Parametric study of simultaneous transient conduction and radiation in a two-dimensional participating medium

The lattice Boltzmann method (LBM) has been used to solve the energy equation of a transient conduction–radiation heat transfer problem in a two dimensional Cartesian enclosure filled with an emitting, absorbing and scattering media. The control volume finite element method (CVFEM) is used to obtain the radiative information. Based on this new nonlinear hybrid algorithm, the effects of various influencing parameters on the transient thermal response such as the scattering albedo, the conduction–radiation parameter, and the wall emissivity are studied on the distributions of temperature, radiative heat fluxes. Numerical results are presented as compared with other published works and they are found to be in satisfactory agreement. The advantages of the proposed numerical approach include, among others, simple implementation on a computer, accurate CPU time and capability of stable simulation. Therfore, the method can capture fundamental behaviours in thermal flows of engineering interest, in addition it will have computaional advantages when the geometry is more complex.

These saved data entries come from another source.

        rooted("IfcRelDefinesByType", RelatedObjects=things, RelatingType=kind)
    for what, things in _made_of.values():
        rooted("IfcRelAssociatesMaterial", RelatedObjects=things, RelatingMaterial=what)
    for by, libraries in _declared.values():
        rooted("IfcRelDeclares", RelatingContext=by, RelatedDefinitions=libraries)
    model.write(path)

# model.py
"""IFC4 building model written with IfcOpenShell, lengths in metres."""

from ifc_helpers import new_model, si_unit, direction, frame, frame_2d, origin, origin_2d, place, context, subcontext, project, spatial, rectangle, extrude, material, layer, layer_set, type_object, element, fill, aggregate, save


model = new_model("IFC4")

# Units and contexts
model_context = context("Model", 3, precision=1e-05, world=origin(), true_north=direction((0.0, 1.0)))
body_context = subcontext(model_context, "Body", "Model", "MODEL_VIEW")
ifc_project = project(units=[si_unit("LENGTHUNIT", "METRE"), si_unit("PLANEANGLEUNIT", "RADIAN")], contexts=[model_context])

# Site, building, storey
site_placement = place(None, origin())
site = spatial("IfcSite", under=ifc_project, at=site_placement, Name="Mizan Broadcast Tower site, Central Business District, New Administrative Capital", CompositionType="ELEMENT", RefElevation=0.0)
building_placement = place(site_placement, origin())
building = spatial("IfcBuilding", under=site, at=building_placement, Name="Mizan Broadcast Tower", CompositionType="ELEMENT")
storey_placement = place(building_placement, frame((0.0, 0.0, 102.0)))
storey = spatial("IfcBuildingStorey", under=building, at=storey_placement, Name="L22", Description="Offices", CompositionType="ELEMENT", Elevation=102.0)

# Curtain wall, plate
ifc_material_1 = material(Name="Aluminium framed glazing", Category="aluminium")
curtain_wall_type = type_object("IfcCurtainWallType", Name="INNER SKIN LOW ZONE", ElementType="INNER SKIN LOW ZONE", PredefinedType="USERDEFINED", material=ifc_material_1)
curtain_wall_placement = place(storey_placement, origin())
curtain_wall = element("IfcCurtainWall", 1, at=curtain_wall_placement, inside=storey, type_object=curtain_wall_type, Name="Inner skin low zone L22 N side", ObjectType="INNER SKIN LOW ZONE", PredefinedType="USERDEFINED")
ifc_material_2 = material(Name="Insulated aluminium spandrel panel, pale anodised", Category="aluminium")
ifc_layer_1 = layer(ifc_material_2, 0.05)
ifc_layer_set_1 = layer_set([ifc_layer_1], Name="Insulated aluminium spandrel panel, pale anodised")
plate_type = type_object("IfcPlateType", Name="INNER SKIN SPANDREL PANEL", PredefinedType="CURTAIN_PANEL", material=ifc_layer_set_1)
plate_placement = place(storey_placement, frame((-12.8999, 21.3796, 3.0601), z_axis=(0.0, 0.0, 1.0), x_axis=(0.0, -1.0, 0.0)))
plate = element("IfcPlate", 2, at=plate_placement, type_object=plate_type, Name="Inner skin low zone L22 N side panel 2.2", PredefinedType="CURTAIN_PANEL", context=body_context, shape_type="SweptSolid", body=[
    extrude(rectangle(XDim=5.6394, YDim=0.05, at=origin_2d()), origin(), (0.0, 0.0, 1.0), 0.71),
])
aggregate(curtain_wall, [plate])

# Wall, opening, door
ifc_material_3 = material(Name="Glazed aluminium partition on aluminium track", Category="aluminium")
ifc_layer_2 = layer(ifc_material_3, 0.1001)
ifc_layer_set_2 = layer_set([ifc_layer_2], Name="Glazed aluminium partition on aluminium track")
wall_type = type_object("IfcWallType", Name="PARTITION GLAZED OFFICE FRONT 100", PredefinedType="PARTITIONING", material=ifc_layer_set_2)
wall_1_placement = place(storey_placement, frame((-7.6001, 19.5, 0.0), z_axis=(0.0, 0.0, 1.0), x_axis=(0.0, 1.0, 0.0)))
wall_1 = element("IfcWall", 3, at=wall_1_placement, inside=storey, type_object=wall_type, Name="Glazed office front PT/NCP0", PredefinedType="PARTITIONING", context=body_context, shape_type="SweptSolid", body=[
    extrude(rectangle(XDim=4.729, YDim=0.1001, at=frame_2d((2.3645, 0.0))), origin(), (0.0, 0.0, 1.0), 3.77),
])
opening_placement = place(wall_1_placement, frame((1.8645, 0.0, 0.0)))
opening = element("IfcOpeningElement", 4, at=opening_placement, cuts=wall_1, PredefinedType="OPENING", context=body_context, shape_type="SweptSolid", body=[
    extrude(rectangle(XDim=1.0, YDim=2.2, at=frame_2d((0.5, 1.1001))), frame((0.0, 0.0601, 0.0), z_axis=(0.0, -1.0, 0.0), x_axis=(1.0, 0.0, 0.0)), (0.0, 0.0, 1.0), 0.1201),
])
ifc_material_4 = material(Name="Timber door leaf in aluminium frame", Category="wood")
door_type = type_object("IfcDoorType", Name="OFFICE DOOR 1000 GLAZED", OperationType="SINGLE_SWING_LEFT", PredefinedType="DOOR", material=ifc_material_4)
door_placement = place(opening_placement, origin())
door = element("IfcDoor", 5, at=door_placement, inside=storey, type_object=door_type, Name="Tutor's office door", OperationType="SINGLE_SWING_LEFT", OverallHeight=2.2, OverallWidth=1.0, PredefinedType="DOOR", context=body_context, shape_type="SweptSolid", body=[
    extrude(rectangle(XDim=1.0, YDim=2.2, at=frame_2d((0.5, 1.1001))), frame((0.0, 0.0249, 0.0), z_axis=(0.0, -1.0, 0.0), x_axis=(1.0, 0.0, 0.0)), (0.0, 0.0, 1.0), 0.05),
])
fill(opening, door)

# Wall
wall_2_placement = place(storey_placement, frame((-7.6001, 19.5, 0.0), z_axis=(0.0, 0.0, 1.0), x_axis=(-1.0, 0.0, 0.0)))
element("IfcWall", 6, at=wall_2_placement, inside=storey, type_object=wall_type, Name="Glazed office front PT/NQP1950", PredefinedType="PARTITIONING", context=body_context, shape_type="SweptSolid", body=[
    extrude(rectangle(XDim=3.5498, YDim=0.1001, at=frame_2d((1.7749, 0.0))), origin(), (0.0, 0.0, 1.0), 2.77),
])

► A new hybrid algorithm is solved numerically by the CVFEM in conjunction with the LBM.
► Highlighting a parametric study of simultaneous transient conduction and radiation in a 2D medium.
► The effect of variable emissivity and variable mixed boundary conditions is highlighted.
► Combining the numerical advantages of the LBM and the CVFEM.
► A new algorithm revealing additional advantages on parallel computing platforms.